The U.S. Supreme Court agreed Monday to decide whether local governments must provide detailed written explanations when denying wireless providers' applications to build new cell towers in their jurisdictions.

The court will hear an appeal by a T-Mobile US Inc.subsidiary that was turned away for a permit in Roswell, Ga. The company said certain city council members raised various objections to the T-Mobile tower proposal and voted it down. But, the company argued, the city never provided an official written explanation for the denial.

In subsequent litigation, a federal trial judge ruled for T-Mobile and ordered Roswell to issue the permit, saying the city violated a requirement in federal communications law mandating that government officials provide a denial "in writing and supported by substantial evidence contained in a written record."

An Atlanta-based U.S. appeals court reversed that ruling and sided with the city, saying a basic written notification informing T-Mobile of the denial was enough because the minutes from the city council meeting recounted all the reasons for the rejection.

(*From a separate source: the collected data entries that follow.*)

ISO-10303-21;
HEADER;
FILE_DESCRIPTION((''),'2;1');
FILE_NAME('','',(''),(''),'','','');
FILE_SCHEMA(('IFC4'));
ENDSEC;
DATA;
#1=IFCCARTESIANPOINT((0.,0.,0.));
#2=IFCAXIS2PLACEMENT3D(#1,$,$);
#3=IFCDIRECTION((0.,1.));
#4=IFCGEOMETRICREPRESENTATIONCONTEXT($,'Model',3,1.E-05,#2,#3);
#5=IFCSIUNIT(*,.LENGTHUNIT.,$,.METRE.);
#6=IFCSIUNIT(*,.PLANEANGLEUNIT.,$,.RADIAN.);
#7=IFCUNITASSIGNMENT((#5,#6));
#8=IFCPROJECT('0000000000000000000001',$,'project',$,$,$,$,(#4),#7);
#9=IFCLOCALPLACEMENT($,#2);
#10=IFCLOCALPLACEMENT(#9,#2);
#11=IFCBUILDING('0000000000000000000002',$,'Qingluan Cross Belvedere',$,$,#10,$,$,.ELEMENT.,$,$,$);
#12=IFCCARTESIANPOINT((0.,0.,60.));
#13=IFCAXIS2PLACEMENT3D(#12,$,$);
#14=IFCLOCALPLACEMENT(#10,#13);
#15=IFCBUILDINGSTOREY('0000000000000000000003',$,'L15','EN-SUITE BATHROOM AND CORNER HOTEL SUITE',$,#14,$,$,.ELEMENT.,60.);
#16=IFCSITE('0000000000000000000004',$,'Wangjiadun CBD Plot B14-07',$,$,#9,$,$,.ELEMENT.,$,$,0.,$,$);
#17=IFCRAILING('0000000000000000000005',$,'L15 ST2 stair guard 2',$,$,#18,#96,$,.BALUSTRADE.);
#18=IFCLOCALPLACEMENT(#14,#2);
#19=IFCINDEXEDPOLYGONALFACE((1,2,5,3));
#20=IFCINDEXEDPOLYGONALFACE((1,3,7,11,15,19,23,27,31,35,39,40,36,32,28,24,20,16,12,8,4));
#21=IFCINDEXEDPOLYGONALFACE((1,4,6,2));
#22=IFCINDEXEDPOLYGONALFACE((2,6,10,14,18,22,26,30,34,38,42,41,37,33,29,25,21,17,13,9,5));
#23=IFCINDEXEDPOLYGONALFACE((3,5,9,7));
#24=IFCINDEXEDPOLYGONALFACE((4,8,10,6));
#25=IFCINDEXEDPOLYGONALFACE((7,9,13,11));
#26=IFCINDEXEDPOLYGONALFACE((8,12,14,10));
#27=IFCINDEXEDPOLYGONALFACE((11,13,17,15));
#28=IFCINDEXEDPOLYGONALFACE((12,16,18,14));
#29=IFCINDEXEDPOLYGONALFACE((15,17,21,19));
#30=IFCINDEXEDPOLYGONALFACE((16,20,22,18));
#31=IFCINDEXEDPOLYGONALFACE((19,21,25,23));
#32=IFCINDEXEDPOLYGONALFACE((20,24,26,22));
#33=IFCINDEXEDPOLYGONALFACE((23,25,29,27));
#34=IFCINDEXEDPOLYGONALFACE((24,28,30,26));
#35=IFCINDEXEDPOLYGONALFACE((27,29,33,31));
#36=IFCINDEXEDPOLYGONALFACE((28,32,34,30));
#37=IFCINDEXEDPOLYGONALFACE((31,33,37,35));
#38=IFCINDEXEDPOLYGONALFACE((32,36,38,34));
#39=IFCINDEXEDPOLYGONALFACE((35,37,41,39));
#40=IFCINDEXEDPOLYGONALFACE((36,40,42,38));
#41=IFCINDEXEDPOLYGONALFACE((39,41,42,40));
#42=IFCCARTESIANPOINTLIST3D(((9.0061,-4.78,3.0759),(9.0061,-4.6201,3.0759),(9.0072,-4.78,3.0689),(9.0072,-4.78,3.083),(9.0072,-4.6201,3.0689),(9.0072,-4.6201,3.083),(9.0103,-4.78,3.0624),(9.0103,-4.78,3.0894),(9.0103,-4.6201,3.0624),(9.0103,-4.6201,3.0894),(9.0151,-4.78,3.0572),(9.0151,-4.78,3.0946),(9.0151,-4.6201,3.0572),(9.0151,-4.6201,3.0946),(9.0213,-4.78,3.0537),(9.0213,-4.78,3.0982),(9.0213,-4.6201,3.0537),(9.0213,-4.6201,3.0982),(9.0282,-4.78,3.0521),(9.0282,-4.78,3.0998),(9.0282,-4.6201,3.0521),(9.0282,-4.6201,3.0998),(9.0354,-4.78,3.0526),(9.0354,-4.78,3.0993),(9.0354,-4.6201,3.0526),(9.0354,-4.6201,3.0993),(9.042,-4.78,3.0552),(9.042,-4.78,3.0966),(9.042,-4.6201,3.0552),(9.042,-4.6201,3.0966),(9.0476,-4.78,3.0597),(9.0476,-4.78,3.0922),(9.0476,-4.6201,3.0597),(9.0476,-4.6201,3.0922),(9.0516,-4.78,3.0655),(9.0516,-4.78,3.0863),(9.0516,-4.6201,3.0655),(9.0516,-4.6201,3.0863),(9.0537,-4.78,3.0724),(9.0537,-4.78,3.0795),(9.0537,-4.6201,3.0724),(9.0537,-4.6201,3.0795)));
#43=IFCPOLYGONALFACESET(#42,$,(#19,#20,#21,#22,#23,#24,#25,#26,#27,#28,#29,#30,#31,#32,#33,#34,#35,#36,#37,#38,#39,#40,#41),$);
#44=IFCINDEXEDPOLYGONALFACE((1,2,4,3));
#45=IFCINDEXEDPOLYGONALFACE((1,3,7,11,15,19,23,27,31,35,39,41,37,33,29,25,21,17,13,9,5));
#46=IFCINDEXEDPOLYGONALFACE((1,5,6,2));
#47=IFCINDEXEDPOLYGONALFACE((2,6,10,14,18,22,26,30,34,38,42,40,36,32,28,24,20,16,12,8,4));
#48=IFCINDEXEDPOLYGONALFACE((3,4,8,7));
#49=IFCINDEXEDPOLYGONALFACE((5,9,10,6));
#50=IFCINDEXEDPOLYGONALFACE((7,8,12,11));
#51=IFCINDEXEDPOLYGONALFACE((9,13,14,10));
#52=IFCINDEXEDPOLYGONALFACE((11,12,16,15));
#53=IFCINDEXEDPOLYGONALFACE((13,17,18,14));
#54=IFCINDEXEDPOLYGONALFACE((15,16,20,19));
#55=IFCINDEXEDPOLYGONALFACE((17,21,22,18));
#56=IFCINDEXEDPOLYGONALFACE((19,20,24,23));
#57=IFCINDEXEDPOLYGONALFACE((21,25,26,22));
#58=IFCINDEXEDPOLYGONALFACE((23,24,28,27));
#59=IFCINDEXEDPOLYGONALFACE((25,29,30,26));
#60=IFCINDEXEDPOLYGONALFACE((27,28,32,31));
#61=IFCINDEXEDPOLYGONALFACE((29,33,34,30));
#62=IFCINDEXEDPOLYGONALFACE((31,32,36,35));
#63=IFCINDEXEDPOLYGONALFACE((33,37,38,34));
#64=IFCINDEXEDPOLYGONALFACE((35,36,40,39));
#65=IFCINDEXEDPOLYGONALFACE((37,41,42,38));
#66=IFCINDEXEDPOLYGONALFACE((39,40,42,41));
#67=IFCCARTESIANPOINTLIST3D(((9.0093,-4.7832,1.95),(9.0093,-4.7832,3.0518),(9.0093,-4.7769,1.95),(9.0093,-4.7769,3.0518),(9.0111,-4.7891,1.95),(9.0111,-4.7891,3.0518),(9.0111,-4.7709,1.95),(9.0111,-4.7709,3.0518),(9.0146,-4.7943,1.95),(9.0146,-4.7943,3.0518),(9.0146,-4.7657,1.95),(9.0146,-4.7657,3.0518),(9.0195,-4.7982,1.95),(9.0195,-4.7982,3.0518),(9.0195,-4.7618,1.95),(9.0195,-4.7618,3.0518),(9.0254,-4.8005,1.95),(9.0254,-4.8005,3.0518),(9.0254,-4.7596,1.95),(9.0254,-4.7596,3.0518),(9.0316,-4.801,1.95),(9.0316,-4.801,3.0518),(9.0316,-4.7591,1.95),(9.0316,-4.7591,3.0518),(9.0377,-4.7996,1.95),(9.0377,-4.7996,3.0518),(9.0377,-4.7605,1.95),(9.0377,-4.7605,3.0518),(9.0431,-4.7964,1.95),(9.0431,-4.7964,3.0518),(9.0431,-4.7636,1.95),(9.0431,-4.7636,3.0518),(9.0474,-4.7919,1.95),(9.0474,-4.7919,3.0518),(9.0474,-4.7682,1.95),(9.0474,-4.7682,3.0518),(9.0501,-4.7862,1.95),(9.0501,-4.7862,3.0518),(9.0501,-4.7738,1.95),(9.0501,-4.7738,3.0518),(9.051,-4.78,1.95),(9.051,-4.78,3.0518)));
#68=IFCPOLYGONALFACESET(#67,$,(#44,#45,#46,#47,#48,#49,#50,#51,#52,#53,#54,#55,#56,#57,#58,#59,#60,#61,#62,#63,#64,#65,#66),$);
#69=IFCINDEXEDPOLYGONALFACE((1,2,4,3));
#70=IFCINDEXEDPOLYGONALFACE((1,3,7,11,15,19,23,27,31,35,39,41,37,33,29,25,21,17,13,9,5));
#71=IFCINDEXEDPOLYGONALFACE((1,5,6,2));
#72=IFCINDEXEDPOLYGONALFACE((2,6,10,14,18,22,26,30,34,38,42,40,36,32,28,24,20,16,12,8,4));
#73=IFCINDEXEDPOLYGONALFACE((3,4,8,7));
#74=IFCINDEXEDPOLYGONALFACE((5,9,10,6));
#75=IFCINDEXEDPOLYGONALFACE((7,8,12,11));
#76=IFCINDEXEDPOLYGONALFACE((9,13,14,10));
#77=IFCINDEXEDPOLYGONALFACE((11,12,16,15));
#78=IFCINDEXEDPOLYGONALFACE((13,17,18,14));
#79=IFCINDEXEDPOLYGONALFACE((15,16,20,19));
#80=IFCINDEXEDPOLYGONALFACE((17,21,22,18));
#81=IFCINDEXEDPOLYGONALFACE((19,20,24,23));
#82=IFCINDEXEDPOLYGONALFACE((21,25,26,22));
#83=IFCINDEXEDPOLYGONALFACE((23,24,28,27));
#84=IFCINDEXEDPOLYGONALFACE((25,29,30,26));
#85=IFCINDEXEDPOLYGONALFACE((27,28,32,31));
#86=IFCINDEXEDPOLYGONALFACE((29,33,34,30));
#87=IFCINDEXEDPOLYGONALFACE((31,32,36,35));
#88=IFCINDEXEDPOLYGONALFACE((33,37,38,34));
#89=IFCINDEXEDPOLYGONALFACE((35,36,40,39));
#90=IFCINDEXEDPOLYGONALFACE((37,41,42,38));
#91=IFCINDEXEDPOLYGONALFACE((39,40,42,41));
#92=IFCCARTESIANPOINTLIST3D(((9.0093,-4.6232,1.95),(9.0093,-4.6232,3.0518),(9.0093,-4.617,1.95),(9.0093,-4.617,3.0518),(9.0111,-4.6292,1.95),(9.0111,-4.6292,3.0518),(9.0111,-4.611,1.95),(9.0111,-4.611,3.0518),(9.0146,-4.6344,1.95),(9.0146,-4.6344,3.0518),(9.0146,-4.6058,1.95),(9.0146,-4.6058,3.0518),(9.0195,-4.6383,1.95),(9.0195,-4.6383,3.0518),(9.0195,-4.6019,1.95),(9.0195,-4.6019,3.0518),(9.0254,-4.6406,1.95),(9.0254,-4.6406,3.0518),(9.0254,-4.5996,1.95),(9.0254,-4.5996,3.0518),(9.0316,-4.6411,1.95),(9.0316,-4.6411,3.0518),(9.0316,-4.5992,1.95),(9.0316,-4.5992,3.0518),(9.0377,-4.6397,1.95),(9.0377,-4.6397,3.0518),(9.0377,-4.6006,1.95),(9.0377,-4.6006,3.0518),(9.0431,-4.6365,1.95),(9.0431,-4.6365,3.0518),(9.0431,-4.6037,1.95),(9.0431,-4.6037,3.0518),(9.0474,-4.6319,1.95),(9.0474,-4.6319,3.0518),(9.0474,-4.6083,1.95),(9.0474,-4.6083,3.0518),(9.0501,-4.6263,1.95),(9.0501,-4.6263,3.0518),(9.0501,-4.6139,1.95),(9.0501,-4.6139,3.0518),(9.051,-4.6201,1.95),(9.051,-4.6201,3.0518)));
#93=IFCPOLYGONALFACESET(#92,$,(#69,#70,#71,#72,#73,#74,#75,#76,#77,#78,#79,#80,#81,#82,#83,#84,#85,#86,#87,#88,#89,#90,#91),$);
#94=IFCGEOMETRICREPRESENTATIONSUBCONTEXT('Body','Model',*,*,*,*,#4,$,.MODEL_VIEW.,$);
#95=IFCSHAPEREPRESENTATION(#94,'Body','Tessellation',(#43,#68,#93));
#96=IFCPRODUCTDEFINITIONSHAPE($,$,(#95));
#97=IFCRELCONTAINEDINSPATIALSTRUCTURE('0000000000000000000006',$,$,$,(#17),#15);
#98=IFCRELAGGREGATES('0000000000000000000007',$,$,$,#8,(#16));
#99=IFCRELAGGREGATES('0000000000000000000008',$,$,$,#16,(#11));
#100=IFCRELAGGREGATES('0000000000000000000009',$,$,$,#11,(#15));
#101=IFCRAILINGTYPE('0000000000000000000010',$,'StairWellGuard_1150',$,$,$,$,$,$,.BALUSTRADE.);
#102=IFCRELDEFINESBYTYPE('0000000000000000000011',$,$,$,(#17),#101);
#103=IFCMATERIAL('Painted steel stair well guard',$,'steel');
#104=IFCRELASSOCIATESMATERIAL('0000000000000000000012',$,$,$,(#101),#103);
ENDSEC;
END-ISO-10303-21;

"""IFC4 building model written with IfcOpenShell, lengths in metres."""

from ifc_helpers import new_model, si_unit, direction, frame, origin, origin_2d, place, context, subcontext, project, spatial, circle, extrude, material, type_object, element, save


model = new_model("IFC4")

# Units and contexts
model_context = context("Model", 3, precision=1e-05, world=origin(), true_north=direction((0.0, 1.0)))
body_context = subcontext(model_context, "Body", "Model", "MODEL_VIEW")
ifc_project = project(units=[si_unit("LENGTHUNIT", "METRE"), si_unit("PLANEANGLEUNIT", "RADIAN")], contexts=[model_context])

# Site, building, storey
site_placement = place(None, origin())
site = spatial("IfcSite", under=ifc_project, at=site_placement, Name="Wangjiadun CBD Plot B14-07", CompositionType="ELEMENT", RefElevation=0.0)
building_placement = place(site_placement, origin())
building = spatial("IfcBuilding", under=site, at=building_placement, Name="Qingluan Cross Belvedere", CompositionType="ELEMENT")
storey_placement = place(building_placement, frame((0.0, 0.0, 60.0)))
storey = spatial("IfcBuildingStorey", under=building, at=storey_placement, Name="L15", Description="EN-SUITE BATHROOM AND CORNER HOTEL SUITE", CompositionType="ELEMENT", Elevation=60.0)

# Railing
ifc_material_1 = material(Name="Painted steel stair well guard", Category="steel")
railing_type_1 = type_object("IfcRailingType", Name="StairWellGuard_1150", PredefinedType="BALUSTRADE", material=ifc_material_1)
railing_1_placement = place(storey_placement, frame((9.03, -4.78, 1.95)))
element("IfcRailing", 1, at=railing_1_placement, inside=storey, type_object=railing_type_1, Name="L15 ST2 stair guard 2", PredefinedType="BALUSTRADE", context=body_context, shape_type="SweptSolid", body=[
    extrude(circle(Radius=0.0239, at=origin_2d()), frame((0.0, 0.0, 1.126), z_axis=(0.0, 1.0, 0.0), x_axis=(-1.0, 0.0, 0.0)), (0.0, 0.0, 1.0), 0.1599),
    extrude(circle(Radius=0.021, at=origin_2d()), origin(), (0.0, 0.0, 1.0), 1.1018),
    extrude(circle(Radius=0.021, at=origin_2d()), frame((0.0, 0.1599, 0.0)), (0.0, 0.0, 1.0), 1.1018),
])

save(model, "model.ifc")
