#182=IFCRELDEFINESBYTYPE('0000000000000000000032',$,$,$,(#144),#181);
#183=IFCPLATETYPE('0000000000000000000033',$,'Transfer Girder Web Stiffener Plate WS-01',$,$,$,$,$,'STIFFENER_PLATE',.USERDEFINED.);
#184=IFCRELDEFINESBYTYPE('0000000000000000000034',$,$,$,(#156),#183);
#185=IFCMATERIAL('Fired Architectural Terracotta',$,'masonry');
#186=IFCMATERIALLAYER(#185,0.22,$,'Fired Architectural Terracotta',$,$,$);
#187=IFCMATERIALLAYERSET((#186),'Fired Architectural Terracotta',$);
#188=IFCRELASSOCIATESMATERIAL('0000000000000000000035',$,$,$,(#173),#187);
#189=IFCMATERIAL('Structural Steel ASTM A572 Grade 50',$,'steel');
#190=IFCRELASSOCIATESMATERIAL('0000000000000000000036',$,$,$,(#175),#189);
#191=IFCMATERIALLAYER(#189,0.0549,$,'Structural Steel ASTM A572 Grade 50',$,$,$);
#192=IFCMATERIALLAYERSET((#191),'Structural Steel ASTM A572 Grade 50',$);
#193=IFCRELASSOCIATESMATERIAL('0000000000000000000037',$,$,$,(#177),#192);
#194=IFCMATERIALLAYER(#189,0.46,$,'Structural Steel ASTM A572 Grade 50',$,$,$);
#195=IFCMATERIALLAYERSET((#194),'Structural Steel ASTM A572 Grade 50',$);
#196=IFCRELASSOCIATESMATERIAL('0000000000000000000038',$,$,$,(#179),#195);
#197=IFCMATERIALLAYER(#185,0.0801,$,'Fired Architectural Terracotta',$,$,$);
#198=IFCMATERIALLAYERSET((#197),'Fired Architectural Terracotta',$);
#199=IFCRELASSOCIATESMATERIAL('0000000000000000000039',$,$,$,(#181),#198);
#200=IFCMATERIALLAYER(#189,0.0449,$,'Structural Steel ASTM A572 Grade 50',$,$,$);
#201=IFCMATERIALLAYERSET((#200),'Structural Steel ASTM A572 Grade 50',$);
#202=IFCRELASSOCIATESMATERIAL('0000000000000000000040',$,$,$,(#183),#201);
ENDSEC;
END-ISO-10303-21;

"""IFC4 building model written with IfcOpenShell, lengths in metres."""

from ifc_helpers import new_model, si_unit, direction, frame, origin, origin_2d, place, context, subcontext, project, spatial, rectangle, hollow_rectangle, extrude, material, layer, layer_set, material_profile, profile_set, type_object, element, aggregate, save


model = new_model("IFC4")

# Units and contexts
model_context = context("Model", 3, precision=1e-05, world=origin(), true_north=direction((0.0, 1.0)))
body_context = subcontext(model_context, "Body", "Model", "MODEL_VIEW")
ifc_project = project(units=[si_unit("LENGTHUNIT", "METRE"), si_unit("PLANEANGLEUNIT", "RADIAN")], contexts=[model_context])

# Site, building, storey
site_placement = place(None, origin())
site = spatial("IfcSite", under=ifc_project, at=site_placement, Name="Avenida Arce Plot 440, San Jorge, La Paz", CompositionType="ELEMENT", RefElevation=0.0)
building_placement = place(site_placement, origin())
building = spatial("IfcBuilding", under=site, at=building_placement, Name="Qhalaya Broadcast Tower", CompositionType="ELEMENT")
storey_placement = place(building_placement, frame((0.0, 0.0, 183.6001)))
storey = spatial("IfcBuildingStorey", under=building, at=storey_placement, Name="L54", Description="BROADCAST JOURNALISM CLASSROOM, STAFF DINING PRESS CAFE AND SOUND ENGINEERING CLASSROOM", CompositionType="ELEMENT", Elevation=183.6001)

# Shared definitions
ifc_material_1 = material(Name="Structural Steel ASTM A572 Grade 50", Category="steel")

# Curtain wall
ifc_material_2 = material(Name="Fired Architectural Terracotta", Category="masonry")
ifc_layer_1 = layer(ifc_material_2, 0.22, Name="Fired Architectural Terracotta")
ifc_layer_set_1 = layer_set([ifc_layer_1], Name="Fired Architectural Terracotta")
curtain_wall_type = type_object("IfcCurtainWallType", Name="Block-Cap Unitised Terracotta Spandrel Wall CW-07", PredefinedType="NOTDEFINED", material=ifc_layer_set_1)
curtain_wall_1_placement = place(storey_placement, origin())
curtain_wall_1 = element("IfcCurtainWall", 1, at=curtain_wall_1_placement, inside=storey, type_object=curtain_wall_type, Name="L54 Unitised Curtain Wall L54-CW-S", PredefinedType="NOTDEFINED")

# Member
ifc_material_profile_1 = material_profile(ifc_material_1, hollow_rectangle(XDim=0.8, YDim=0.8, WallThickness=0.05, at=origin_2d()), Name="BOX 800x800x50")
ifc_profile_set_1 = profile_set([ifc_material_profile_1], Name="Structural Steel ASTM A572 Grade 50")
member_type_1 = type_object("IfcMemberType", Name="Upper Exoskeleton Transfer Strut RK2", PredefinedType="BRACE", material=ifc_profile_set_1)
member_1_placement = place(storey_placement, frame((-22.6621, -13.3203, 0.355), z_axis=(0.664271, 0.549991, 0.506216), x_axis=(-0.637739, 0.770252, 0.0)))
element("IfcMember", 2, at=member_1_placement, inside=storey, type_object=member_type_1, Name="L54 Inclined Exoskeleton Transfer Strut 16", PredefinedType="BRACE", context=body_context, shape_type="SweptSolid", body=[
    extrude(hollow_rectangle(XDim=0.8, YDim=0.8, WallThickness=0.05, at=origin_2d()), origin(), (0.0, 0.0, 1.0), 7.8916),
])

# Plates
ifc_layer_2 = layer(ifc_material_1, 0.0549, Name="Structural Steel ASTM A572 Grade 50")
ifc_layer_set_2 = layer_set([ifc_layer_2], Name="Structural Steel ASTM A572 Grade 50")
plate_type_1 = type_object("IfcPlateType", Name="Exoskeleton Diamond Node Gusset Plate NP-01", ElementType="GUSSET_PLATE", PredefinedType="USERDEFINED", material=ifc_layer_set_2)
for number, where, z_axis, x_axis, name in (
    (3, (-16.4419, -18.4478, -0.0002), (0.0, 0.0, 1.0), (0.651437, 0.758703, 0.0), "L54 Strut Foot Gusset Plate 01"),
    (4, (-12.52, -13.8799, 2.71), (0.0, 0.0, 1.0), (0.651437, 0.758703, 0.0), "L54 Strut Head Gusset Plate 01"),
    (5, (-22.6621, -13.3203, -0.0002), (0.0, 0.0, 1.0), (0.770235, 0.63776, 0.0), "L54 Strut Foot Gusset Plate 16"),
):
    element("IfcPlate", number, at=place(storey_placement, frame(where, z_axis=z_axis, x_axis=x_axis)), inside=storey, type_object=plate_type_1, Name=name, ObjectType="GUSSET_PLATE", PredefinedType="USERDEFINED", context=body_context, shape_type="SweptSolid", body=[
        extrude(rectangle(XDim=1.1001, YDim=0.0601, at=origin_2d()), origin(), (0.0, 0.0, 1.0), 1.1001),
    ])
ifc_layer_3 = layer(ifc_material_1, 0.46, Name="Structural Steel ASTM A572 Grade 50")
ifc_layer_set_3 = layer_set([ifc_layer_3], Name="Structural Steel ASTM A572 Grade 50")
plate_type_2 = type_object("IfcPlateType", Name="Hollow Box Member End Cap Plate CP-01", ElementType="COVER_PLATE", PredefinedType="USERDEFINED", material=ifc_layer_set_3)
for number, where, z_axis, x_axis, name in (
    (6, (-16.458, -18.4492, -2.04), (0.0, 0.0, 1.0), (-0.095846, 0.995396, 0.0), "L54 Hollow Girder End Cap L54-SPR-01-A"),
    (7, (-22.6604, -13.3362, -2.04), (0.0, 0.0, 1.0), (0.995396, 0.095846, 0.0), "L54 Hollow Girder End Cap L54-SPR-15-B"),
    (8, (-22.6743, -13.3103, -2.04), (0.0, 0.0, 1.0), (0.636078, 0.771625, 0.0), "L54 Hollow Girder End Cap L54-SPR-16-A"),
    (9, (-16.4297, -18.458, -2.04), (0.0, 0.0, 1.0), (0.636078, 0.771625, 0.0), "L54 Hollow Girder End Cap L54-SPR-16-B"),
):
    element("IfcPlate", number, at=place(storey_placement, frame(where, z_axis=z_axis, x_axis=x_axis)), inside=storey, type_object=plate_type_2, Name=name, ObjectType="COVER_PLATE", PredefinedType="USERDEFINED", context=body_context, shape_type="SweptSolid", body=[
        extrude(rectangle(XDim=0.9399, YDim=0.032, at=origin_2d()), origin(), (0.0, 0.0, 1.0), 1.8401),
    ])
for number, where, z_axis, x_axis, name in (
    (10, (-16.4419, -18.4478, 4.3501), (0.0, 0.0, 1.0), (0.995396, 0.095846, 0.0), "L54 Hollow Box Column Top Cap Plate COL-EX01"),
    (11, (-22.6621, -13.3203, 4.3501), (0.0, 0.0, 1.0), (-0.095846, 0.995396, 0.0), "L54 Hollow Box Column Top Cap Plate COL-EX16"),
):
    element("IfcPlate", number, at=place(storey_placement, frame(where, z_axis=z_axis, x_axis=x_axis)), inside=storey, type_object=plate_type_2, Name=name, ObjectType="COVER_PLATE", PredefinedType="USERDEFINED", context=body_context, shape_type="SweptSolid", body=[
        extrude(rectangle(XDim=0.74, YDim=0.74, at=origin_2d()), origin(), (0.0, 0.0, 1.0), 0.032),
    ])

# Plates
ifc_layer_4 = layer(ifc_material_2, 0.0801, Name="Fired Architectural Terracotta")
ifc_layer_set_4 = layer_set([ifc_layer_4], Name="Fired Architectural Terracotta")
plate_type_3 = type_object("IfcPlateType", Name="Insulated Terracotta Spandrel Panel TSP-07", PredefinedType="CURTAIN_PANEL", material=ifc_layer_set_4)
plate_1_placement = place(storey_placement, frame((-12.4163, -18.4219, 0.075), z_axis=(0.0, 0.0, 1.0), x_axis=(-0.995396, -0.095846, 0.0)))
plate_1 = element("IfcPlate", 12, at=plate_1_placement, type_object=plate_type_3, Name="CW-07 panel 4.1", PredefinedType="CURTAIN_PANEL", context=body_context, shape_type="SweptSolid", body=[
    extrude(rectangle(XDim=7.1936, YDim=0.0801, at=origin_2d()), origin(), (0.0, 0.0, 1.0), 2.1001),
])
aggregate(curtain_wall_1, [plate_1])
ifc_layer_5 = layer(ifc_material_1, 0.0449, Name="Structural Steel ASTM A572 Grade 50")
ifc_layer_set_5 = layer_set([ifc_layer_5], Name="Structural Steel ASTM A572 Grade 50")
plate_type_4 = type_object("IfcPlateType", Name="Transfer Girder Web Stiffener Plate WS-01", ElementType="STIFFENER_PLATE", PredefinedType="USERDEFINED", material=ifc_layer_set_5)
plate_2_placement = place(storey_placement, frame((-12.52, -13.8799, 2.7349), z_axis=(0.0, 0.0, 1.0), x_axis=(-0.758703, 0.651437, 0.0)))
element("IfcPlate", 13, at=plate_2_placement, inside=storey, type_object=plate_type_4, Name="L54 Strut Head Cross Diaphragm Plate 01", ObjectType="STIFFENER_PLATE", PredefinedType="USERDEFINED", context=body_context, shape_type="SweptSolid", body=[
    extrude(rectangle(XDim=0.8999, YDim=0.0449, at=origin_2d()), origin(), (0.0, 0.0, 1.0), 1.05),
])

The court will hear arguments in T-Mobile South v. City of Roswell during its next term, which begins in October. Lower courts have issued conflicting rulings on what local governments must do to satisfy the "in writing" requirement.

T- Mobile said in a court brief that a win for the Georgia city "will seriously impede the prompt deployment of wireless services to consumers." When governments don't provide written explanations of their decisions, it is more difficult for courts to consider appeals by wireless providers, the company said.

Roswell urged the Supreme Court to reject the case, saying the claim raised by T-Mobile was a "truly non-issue" that didn't affect the rights of wireless providers.

If T-Mobile wins, "it is the local governments who would be harmed, as they would be forced to allow cellular towers in the heart of their residential communities based upon a mere technicality," the city said in a court brief.